As Luke mentioned, there is no need to have multiple NICs in most
environments. If you have something (ie, a router) that is routing between
your various networks for you, all you typically need are DHCP helpers
configured.

Josh

On Tue, Sep 9, 2014 at 7:58 AM, Luke Kearney luke@kearney.jp wrote:

On Sep 9, 2014, at 8:30 PM, Rakesh Kathpal rkathpal@gmail.com wrote:

Hi,

I am quite new to foreman and am yet to install and start using the
same. I am planning to use foreman in datacenter environment with multiple
customers and assets on cloud as well as well physical setup.

Atleast to start with evaluation I am planning to use the following h.w

8 GB RAM
CPU - 4 cores
2 NICs…

Now I understand that I will be using one NIC for internet traffic and
other nic to connect to the host that I need to provision.
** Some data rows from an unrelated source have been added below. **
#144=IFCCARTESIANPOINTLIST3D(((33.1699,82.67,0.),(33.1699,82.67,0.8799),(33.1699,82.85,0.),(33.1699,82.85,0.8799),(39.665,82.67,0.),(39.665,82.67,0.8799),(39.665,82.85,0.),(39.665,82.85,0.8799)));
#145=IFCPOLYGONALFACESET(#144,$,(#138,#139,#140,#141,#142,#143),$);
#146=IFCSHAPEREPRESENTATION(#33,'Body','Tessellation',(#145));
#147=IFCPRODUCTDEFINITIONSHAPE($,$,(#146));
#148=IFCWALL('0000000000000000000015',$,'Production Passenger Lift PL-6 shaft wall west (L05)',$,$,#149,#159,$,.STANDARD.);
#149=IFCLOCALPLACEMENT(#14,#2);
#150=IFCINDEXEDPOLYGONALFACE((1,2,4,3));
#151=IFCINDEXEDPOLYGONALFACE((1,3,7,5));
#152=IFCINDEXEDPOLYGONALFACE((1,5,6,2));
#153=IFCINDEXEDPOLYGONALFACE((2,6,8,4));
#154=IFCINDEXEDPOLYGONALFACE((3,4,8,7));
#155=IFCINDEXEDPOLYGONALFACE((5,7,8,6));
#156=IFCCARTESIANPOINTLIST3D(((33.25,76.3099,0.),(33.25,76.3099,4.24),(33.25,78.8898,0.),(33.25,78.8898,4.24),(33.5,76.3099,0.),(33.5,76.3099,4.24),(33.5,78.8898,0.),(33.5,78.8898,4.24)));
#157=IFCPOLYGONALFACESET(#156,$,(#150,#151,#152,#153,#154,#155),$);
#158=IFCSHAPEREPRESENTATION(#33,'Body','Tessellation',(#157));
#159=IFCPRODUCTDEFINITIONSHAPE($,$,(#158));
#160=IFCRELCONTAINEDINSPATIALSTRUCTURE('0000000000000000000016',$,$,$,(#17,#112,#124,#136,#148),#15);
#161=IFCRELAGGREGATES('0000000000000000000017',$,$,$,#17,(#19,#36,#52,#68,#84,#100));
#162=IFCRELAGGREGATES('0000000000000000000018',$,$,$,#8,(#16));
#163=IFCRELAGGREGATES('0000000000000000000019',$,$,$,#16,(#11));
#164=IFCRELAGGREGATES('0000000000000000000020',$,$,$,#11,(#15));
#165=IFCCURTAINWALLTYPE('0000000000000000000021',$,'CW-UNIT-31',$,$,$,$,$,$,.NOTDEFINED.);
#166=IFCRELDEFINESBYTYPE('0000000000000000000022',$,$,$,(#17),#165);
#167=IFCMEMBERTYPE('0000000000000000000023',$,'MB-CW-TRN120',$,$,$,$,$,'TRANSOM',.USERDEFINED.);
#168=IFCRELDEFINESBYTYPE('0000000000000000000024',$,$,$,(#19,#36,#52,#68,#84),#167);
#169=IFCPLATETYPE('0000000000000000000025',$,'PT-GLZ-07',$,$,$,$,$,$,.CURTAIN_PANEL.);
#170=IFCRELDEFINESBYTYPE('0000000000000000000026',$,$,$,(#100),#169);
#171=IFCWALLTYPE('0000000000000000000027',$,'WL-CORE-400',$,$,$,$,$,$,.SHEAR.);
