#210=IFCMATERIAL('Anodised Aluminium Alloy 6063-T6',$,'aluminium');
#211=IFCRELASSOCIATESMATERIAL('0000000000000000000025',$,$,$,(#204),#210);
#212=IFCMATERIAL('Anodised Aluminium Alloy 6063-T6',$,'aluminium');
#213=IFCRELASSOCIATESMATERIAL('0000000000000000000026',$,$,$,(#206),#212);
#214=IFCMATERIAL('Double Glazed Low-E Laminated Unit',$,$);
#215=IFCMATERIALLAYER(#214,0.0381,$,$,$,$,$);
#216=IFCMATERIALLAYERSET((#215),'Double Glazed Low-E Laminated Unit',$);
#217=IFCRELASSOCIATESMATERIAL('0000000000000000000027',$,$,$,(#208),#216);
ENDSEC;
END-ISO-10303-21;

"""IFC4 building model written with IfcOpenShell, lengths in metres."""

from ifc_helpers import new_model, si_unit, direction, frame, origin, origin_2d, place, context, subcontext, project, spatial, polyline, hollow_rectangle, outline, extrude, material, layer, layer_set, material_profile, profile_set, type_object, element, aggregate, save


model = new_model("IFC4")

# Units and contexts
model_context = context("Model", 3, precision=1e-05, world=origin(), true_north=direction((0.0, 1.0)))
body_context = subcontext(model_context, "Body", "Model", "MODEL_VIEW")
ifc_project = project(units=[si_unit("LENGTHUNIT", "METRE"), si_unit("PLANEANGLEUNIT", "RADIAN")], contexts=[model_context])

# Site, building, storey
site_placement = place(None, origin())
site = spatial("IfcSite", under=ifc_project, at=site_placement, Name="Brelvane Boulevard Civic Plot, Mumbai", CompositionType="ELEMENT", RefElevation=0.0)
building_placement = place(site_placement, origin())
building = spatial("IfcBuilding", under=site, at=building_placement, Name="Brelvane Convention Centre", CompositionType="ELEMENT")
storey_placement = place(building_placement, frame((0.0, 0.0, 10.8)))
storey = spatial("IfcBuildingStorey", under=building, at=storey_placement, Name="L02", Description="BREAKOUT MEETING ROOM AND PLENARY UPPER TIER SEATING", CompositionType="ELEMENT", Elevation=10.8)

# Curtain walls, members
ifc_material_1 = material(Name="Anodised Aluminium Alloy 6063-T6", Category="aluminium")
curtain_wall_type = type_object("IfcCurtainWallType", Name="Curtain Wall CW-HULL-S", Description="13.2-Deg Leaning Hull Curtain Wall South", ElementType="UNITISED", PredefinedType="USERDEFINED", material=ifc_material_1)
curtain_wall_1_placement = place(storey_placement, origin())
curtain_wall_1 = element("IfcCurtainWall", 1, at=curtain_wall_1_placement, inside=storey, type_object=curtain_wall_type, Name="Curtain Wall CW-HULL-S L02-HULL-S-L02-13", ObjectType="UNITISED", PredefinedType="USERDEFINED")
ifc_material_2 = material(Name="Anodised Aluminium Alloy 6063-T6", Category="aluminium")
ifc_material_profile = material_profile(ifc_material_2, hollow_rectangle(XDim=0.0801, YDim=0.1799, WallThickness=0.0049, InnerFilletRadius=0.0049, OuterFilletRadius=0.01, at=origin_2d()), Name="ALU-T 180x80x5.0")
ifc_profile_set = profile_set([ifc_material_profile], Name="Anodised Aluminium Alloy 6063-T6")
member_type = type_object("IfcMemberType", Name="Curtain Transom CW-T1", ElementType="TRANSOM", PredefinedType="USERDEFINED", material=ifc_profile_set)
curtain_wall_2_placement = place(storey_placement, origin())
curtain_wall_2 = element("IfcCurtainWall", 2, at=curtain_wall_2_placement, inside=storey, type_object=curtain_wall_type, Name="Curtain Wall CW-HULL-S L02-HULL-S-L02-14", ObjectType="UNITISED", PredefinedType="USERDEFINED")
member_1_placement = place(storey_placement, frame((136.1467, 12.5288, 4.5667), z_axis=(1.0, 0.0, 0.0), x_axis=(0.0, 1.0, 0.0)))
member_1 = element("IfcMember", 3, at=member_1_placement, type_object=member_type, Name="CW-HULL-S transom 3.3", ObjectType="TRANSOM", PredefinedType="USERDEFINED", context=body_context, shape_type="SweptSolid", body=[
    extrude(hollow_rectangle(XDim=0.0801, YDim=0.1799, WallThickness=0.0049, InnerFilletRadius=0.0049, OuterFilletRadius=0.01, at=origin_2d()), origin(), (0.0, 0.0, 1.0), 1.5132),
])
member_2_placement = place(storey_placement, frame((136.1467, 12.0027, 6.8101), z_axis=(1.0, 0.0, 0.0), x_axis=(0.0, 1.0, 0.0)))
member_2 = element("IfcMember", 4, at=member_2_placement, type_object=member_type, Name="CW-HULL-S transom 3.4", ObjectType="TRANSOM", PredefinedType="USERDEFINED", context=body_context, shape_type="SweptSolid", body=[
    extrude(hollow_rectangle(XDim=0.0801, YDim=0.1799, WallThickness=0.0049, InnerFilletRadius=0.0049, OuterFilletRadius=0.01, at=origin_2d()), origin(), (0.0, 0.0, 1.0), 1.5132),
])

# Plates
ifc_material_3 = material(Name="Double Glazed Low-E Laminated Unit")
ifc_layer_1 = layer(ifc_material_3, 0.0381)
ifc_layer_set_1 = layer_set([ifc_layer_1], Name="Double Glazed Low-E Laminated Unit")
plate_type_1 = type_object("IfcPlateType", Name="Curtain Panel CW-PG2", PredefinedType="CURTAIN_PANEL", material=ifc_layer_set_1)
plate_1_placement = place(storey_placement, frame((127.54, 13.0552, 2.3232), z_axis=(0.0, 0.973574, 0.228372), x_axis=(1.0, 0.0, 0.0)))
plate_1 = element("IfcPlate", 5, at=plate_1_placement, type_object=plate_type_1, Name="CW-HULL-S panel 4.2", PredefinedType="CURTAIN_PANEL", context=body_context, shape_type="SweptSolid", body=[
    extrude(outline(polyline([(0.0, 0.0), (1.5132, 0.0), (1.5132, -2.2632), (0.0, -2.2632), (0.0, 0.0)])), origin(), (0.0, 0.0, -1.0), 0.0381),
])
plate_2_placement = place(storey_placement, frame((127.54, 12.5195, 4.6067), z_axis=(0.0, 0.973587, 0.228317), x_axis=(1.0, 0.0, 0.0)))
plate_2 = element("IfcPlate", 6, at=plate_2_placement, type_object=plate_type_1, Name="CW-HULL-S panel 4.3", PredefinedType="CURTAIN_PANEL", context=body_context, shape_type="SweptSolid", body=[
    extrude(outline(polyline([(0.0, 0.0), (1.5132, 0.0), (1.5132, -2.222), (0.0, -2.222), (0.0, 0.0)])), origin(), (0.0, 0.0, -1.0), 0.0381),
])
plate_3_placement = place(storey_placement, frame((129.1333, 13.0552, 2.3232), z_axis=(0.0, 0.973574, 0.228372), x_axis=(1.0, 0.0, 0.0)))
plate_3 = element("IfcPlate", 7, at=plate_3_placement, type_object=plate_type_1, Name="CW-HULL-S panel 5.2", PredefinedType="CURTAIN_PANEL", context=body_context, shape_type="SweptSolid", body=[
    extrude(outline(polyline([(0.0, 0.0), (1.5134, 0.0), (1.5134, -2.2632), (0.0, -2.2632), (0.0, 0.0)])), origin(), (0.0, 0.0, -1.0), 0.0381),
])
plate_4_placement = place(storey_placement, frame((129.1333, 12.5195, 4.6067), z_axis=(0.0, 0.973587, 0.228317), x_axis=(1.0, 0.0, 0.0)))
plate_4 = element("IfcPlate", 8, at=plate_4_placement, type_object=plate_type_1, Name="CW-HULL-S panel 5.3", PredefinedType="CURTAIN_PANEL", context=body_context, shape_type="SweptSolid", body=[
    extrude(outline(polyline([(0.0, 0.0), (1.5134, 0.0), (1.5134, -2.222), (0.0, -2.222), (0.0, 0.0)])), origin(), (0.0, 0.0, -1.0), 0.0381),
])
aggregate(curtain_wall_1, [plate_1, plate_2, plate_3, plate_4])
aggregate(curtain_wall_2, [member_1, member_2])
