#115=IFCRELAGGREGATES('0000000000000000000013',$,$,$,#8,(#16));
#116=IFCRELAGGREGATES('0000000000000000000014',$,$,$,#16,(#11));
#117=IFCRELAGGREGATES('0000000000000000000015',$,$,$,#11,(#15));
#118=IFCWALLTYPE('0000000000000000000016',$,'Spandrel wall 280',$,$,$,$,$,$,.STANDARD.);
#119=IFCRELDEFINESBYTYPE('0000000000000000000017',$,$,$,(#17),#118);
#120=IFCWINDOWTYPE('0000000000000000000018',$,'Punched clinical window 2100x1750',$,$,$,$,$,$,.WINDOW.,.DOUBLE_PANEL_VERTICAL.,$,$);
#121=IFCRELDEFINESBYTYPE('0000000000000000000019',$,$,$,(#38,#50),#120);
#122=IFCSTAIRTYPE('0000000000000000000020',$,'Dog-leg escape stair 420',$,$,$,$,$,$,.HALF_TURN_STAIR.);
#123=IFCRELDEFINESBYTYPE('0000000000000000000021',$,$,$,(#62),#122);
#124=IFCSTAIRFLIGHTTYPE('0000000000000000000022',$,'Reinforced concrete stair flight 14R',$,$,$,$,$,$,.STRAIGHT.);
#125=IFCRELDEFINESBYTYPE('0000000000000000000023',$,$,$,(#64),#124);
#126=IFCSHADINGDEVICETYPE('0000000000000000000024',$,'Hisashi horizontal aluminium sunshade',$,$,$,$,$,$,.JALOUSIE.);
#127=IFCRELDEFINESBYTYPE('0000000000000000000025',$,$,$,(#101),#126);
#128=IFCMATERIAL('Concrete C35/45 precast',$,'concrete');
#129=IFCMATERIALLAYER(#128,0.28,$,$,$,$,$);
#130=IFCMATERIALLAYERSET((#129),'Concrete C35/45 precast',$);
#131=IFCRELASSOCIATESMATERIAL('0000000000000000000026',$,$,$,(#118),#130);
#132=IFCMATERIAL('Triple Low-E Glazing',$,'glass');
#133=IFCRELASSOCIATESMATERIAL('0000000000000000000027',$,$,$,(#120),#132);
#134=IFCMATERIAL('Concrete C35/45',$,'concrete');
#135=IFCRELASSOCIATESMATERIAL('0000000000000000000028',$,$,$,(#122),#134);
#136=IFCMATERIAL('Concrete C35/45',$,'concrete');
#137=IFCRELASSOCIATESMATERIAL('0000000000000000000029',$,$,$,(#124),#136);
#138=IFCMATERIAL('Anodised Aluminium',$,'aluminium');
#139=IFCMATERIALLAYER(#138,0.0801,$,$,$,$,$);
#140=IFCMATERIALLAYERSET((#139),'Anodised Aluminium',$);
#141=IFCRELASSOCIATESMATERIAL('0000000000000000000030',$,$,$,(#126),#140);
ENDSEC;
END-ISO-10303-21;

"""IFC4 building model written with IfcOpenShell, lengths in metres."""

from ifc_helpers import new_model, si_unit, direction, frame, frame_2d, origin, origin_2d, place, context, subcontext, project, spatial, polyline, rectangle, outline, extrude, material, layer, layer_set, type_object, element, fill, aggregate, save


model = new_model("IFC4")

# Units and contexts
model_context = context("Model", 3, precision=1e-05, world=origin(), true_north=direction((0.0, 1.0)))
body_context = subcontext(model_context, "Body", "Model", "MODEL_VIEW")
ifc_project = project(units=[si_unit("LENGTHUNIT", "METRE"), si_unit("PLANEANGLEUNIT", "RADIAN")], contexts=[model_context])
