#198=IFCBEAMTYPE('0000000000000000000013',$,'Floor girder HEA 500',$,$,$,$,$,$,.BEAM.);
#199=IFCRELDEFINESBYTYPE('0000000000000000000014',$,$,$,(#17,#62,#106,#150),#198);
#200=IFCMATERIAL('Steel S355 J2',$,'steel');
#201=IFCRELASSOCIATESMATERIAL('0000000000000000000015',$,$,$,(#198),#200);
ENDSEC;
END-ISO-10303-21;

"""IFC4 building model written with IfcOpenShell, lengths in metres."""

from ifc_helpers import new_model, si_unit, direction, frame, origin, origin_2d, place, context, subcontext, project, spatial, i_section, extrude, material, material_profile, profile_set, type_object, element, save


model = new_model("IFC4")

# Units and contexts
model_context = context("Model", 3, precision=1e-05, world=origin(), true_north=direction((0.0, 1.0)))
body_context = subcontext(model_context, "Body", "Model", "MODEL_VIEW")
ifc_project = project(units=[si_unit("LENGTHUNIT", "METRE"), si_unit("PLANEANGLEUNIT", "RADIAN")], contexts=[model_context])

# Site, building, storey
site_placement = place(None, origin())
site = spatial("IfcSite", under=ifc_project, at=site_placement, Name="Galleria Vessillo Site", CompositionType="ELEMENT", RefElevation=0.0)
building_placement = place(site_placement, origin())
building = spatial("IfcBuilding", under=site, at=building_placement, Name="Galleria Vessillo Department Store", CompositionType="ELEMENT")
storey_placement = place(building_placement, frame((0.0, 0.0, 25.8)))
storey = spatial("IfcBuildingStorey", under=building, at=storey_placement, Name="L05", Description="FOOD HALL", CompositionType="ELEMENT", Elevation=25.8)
Now what should
be the ideal architecture wherein all the bare-metal hosts placed in
different racks in the DC come to the foreman server for provisioning… do
I need to extend the cable from the second nic to each and every switch in
my DC ?

I understand my question might sound silly but would be really grateful
if someone can confirm

  1. Hardware & network config.
  2. How to scale to multiple foreman servers.
  3. How to reach out to all bare metal hosts in the DC so that they can
    install from my foreman server.

Your correct it is silly, If your hosts are all on the same backend VLAN
then you’re good to go, if not then explore trunking in the necessary
VLAN’s to your foreman host. Be sure to include dhcp helper configs to your
switches.

  1. your hardware spec looks fine
  2. not sure why you would want more than one foreman host - you ought to
    investigate proxies
  3. see above

Cheers


You received this message because you are subscribed to the Google Groups
“Foreman users” group.
To unsubscribe from this group and stop receiving emails from it, send an
email to foreman-users+unsubscribe@googlegroups.com.
To post to this group, send email to foreman-users@googlegroups.com.
Visit this group at http://groups.google.com/group/foreman-users.
For more options, visit https://groups.google.com/d/optout.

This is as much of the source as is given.